The PhaseVocoder allows for time expansion/compression and pitch shifting of audio. The general process involves analyzing input audio and placing it into two different categories: transient components and sinusoidal components. An audio transient is usually a higher amplitude, short-duration percusive sound occurring at the onset of audio such as a drum hit or musical note (more info on transient detection here). Frequently, audio with more sinusoidal components follows the transient. The PhaseVocoder works by preserving the transient and stretching or compressing the phase of the sinusoidal components of the input audio.
Time Expansion Example
The waveform and spectrogram below is that of the first 70 milliseconds of a bass drum. A wave file of this audio can be found here. In the waveform, note how the first few milliseconds of audio has an irregular shape and then the waveform follows a sinusoidal shape.
Similarly, in the spectrogram below, note how the first few milliseconds of audio has strong amounts of energy across nearly the entire spectrum of 0 to 8,000 Hz before concentrating at specific lower frequencies.
The entire waveform of the bass drum can be seen below. After the initial transient, the audio continues uninterrupted for the entire 1.66 seconds.

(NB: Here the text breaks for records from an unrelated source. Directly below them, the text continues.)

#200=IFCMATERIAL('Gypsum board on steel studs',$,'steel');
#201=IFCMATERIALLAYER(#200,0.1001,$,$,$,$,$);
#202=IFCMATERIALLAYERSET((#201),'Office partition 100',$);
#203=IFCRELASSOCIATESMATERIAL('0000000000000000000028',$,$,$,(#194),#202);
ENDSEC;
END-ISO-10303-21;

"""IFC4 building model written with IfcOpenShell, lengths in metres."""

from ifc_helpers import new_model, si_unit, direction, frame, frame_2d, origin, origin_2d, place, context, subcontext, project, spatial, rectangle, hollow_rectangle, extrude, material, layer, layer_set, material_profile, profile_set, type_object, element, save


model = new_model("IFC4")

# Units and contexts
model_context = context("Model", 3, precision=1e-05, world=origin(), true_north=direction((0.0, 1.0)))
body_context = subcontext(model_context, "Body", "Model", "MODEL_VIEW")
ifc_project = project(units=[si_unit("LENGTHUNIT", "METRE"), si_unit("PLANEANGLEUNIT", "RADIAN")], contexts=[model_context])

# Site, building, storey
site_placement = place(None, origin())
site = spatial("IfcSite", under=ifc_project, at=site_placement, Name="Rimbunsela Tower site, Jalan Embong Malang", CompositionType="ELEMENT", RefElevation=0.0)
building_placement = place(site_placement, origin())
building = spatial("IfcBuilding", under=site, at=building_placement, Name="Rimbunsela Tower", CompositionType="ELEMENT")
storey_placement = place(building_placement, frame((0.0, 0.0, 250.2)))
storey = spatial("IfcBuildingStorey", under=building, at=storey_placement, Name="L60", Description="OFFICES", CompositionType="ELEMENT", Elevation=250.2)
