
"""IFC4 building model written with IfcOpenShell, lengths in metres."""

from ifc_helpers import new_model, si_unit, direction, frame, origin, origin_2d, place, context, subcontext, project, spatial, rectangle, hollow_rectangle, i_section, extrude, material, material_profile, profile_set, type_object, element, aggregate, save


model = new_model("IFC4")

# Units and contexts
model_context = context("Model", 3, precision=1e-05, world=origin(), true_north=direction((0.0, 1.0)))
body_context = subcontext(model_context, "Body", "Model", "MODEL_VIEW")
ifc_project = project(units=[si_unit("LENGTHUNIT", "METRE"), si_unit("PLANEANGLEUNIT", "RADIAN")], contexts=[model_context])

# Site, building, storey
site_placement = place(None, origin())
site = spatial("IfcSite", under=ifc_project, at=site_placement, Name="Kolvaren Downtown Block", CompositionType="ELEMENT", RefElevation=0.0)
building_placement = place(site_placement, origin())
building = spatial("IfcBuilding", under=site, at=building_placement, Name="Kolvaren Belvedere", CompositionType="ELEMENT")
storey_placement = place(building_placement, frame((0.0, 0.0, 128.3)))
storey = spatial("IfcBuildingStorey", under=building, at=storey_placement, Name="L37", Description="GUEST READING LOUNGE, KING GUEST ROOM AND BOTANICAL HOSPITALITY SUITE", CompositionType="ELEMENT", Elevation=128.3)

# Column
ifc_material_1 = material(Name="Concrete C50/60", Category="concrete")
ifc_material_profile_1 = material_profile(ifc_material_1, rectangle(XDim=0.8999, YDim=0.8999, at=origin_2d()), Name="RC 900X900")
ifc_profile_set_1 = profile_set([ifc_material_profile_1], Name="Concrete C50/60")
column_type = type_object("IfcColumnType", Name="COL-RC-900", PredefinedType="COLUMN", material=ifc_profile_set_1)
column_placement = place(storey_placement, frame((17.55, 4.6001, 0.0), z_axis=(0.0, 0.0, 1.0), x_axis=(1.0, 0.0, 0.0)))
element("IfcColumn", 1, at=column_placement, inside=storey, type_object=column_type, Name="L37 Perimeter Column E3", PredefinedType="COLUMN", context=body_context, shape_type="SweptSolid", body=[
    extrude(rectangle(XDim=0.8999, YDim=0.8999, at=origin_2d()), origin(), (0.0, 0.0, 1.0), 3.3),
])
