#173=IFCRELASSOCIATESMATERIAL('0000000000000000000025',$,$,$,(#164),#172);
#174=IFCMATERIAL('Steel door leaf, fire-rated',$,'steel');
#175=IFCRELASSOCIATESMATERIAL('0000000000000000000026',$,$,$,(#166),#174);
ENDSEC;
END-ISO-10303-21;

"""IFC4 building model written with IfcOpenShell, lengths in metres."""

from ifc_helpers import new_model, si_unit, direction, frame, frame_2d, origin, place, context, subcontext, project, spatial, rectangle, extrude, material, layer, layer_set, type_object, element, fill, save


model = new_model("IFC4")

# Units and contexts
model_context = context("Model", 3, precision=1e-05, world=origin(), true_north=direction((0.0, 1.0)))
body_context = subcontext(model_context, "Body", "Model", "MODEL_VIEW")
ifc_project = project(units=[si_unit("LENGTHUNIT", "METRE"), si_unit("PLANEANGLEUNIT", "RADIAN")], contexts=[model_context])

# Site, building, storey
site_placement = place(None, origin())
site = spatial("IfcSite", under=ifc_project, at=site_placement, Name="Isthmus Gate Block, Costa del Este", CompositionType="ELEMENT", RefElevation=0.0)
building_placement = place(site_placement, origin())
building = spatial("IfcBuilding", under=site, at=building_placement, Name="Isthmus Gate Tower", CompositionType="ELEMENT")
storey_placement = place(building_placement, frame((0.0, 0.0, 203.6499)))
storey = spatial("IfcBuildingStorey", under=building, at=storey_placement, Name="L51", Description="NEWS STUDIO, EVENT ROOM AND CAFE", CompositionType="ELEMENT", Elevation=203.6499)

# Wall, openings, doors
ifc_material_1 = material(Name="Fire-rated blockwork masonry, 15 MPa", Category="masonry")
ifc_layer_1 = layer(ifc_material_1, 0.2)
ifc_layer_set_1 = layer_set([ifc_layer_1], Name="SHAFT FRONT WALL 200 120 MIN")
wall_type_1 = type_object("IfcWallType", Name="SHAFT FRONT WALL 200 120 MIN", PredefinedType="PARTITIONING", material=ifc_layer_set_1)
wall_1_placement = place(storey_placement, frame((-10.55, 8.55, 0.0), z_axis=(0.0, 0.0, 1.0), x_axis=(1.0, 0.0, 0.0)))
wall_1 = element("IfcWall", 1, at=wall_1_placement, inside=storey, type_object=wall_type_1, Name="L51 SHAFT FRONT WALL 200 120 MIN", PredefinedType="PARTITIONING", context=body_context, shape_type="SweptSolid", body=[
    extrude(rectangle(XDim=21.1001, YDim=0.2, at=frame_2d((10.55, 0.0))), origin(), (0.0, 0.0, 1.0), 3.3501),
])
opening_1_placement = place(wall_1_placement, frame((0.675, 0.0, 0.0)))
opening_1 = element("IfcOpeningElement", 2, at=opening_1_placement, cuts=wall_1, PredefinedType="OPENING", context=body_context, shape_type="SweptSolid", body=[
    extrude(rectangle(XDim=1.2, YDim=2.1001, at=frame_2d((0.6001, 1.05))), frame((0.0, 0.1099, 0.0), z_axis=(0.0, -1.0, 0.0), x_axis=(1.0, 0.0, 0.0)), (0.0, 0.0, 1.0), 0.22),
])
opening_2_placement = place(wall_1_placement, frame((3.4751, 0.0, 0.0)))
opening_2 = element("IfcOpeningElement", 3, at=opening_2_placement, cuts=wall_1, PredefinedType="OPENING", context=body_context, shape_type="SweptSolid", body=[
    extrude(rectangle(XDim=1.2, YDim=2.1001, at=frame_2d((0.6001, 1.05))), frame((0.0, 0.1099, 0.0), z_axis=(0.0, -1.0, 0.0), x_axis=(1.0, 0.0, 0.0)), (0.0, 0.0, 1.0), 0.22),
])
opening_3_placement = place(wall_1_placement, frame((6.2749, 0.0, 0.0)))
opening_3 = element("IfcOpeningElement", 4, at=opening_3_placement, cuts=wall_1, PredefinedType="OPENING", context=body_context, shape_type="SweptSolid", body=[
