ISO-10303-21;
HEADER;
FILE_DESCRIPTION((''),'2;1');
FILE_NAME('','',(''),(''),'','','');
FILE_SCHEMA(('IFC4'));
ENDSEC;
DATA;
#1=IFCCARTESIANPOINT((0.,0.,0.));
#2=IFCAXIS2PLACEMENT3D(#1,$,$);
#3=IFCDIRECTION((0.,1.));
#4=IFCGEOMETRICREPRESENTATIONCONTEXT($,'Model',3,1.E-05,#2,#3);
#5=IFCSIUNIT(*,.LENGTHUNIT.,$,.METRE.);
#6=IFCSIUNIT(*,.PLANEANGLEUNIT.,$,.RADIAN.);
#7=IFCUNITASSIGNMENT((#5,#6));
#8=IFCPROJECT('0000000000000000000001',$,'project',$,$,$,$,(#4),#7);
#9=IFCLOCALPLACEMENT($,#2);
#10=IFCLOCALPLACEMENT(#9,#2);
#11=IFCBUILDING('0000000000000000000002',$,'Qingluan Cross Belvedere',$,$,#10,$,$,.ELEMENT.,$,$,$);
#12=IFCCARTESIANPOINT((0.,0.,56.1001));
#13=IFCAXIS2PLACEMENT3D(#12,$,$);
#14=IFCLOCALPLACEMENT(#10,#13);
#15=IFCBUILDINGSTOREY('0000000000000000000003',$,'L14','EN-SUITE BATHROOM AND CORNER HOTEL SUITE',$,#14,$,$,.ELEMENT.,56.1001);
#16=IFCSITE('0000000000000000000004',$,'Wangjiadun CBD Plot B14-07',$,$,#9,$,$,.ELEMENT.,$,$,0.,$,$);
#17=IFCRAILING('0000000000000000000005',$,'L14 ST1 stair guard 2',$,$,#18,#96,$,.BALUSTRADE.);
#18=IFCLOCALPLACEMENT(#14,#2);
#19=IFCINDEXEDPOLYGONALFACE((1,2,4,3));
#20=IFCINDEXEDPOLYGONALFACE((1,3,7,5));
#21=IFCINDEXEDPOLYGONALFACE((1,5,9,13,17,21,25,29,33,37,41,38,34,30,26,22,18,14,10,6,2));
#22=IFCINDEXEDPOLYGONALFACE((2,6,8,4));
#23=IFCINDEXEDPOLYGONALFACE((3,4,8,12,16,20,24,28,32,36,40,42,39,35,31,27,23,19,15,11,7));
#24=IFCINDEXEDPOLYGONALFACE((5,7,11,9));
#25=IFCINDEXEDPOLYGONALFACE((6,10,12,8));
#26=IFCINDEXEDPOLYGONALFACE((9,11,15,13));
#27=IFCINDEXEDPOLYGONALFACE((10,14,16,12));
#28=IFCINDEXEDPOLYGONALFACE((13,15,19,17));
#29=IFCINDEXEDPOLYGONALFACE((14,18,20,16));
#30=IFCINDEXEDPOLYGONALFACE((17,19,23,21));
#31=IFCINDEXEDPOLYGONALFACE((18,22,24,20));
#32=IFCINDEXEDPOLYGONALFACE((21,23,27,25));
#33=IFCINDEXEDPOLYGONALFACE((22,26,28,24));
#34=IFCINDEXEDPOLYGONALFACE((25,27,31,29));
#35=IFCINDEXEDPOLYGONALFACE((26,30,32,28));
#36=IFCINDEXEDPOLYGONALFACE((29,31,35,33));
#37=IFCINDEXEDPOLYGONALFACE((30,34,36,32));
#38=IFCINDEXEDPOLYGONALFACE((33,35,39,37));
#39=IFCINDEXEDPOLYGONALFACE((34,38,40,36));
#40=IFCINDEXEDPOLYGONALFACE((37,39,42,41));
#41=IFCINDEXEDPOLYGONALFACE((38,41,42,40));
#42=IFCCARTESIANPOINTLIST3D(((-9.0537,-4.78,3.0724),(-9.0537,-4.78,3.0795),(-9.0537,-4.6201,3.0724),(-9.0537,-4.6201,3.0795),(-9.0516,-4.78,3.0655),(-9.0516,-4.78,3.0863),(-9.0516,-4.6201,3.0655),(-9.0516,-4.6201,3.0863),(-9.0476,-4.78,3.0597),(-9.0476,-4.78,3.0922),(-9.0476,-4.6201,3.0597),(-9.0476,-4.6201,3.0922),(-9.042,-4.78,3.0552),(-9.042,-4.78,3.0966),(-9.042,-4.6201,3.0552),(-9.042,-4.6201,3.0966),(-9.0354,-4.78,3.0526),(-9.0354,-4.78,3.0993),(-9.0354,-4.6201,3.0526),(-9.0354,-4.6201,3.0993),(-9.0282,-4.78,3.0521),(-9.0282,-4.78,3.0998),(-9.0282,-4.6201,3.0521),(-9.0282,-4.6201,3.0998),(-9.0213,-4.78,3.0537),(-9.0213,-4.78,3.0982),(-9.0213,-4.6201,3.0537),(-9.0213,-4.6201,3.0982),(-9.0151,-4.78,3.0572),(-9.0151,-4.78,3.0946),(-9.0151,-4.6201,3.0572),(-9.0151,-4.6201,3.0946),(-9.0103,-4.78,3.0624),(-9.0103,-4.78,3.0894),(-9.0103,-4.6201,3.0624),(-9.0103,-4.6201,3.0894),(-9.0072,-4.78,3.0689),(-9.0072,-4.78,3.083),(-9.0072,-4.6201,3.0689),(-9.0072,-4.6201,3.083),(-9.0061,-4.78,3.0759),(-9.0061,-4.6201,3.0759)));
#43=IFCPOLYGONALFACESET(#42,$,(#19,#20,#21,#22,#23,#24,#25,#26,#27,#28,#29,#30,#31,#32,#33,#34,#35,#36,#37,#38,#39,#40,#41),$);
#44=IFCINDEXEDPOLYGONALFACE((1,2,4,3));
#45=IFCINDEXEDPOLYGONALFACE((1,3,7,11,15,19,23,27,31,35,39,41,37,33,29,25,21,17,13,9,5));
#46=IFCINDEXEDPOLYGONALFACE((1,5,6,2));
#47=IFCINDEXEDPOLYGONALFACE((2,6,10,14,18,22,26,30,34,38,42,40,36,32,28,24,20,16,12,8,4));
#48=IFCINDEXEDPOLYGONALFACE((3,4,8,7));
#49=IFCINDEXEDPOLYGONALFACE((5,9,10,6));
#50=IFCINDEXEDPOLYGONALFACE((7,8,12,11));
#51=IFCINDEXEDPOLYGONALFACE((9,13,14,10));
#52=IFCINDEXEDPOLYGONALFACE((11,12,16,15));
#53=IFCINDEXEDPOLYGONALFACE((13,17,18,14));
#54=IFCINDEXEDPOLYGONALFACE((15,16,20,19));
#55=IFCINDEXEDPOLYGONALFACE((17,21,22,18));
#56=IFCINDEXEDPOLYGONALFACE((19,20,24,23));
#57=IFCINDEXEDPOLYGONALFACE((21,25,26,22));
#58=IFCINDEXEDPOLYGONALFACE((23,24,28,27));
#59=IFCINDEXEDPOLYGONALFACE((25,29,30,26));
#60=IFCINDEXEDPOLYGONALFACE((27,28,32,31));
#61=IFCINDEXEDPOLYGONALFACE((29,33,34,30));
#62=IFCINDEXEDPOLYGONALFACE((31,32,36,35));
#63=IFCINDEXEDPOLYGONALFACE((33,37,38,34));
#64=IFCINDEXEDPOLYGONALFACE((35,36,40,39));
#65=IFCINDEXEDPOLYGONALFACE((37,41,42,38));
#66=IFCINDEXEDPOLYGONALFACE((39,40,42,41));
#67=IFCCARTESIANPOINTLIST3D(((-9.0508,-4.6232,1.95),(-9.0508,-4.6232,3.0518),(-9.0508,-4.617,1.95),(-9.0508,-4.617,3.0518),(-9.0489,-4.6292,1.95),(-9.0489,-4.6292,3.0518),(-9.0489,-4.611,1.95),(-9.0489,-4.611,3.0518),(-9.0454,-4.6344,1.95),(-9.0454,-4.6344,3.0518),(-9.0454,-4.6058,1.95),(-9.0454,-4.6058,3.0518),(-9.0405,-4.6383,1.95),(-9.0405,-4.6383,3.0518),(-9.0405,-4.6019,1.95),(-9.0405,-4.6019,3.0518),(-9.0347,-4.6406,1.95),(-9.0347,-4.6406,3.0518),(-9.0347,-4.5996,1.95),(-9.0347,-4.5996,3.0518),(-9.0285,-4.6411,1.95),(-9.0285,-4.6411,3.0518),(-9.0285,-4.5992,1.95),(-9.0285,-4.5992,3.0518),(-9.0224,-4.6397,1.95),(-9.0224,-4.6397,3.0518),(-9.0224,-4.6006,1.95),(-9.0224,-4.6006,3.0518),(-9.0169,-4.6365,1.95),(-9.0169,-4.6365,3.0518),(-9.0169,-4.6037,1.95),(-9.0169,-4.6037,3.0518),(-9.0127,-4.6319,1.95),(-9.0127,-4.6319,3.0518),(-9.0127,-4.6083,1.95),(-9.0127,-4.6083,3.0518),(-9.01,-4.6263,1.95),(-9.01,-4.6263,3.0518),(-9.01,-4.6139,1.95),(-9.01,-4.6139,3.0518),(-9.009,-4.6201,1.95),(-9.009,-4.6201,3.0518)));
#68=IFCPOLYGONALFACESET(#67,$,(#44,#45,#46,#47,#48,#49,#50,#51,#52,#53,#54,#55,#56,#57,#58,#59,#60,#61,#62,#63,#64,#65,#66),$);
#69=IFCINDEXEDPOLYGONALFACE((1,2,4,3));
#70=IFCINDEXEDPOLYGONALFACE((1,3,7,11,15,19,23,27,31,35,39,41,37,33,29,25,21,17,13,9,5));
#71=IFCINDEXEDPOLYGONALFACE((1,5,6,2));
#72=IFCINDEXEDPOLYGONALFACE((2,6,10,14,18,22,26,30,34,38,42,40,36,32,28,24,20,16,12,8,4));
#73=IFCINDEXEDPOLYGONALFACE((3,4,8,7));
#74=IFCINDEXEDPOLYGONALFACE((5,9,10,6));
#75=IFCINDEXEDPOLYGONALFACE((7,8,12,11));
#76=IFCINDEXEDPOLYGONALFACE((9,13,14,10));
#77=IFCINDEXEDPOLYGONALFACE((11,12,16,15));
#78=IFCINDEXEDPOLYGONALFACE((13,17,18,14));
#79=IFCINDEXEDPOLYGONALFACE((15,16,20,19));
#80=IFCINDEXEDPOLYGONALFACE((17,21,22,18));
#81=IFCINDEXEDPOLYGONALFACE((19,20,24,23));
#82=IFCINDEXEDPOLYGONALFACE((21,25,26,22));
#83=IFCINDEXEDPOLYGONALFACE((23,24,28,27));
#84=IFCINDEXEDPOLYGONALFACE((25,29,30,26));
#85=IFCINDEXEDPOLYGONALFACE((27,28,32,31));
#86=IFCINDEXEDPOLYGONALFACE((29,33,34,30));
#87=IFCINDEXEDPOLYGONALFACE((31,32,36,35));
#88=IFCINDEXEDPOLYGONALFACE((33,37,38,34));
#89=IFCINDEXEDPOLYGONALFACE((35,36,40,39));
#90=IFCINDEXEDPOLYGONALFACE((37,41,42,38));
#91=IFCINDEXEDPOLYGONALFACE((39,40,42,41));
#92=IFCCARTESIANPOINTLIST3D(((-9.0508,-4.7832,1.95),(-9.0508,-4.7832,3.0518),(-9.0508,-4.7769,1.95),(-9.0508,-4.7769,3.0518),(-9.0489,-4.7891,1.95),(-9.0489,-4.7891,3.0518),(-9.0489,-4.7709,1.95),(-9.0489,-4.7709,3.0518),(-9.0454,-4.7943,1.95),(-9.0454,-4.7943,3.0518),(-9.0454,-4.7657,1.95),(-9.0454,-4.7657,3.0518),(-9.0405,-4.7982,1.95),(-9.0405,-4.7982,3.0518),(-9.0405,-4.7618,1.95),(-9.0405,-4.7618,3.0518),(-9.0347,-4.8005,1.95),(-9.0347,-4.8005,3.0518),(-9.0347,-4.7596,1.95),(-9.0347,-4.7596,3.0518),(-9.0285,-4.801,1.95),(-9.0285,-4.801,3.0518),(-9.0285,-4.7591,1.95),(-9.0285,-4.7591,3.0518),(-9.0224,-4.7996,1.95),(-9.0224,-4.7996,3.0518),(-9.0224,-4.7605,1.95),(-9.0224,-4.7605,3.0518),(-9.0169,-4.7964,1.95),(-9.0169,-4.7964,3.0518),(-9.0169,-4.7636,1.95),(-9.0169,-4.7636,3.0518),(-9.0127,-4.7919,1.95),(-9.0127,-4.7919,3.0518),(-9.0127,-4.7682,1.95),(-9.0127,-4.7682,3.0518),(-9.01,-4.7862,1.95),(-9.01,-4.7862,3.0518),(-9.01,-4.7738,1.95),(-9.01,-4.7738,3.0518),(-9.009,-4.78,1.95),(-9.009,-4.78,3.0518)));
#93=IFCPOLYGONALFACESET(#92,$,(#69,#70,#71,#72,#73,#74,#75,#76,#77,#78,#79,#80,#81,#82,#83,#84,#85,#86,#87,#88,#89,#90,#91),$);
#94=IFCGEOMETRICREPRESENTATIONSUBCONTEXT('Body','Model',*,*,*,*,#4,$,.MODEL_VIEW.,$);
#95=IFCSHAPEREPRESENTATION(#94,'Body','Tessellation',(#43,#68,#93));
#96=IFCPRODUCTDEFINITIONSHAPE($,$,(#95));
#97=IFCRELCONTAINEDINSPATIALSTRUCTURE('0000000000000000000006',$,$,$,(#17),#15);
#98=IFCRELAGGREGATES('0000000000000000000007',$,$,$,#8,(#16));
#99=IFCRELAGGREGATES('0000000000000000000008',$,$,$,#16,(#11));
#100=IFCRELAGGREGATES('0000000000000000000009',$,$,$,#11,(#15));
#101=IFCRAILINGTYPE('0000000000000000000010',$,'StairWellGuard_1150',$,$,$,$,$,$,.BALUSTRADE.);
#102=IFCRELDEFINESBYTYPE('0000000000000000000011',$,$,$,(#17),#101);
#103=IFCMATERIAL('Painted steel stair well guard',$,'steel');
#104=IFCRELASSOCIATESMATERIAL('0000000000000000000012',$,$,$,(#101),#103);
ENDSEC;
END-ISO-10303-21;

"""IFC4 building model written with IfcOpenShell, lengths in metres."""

from ifc_helpers import new_model, si_unit, direction, frame, origin, origin_2d, place, context, subcontext, project, spatial, circle, extrude, material, type_object, element, save


model = new_model("IFC4")

# Units and contexts
model_context = context("Model", 3, precision=1e-05, world=origin(), true_north=direction((0.0, 1.0)))
body_context = subcontext(model_context, "Body", "Model", "MODEL_VIEW")
ifc_project = project(units=[si_unit("LENGTHUNIT", "METRE"), si_unit("PLANEANGLEUNIT", "RADIAN")], contexts=[model_context])

# Site, building, storey
site_placement = place(None, origin())
site = spatial("IfcSite", under=ifc_project, at=site_placement, Name="Wangjiadun CBD Plot B14-07", CompositionType="ELEMENT", RefElevation=0.0)
building_placement = place(site_placement, origin())
building = spatial("IfcBuilding", under=site, at=building_placement, Name="Qingluan Cross Belvedere", CompositionType="ELEMENT")
storey_placement = place(building_placement, frame((0.0, 0.0, 56.1001)))
storey = spatial("IfcBuildingStorey", under=building, at=storey_placement, Name="L14", Description="EN-SUITE BATHROOM AND CORNER HOTEL SUITE", CompositionType="ELEMENT", Elevation=56.1001)

# Railing
ifc_material_1 = material(Name="Painted steel stair well guard", Category="steel")
railing_type_1 = type_object("IfcRailingType", Name="StairWellGuard_1150", PredefinedType="BALUSTRADE", material=ifc_material_1)
railing_1_placement = place(storey_placement, frame((-9.03, -4.6201, 1.95)))
element("IfcRailing", 1, at=railing_1_placement, inside=storey, type_object=railing_type_1, Name="L14 ST1 stair guard 2", PredefinedType="BALUSTRADE", context=body_context, shape_type="SweptSolid", body=[
    extrude(circle(Radius=0.0239, at=origin_2d()), frame((0.0, 0.0, 1.126), z_axis=(0.0, -1.0, 0.0), x_axis=(1.0, 0.0, 0.0)), (0.0, 0.0, 1.0), 0.1599),
    extrude(circle(Radius=0.021, at=origin_2d()), origin(), (0.0, 0.0, 1.0), 1.1018),
    extrude(circle(Radius=0.021, at=origin_2d()), frame((0.0, -0.1599, 0.0)), (0.0, 0.0, 1.0), 1.1018),
])

save(model, "model.ifc")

In other words, no other transients occur aside from the initial transient.
In order to apply time expansion or compression to the input audio, without degrading audio quality, the PhaseVocoder first preserves the transient section. The PhaseVocoder then takes small windows of the audio following the transient, adjusts the phase of the window in the frequency domain, before taking the inverse Fourier transform and writing the window to the output audio. The following is an oversimplification but should give you a general idea of how the process works:
Pitch Shifting
Shifting the pitch of audio without changing its length is done using a resampler in conjunction with the phase vocoding technique described above.
The key to understanding pitch shifting is to understand that playing audio back at different sample rates adjusts the pitch of the audio. For example, if you have audio of a C2 piano note (65.41 Hz) recorded at 44.1 KHz, playing back the audio at twice the sample rate (88.2 KHz) will result in a C3 piano note (130.81 Hz), effectively adjusting the pitch up by an octave.
Similarly, playing back the audio at half the sample rate (22.05 KHz) will result in a C1 piano note (32.70 Hz). These examples are shown below. Take note of the values above the waveform on the x-axis. These are in units of seconds.
A C2 piano note recorded at 44.1 KHz two seconds in durations:
The C2 piano note recorded at 44.1 KHz but played back at 88.2 KHz results in a pitch shift up by one octave to C3. Note the duration of the audio is cut in half to one second:
The C2 piano note recorded at 44.1 KHz but played back at 22.05 KHz results in a pitch shift down one octave to C1. Note the duration of the audio is doubled to four seconds:
As shown above, pitch shifting can be accomplished by adjusting sample rates. However, this results in the length of the input audio being extended or reduced. This is where the PhaseVocoder's phase vocoding abilities come in. Often in audio editing and production you'll want the note to remain a constant time length as the pitch is adjusted. The same phase vocoding technique explained earlier in this document is applied to the resampled audio to accomplish this.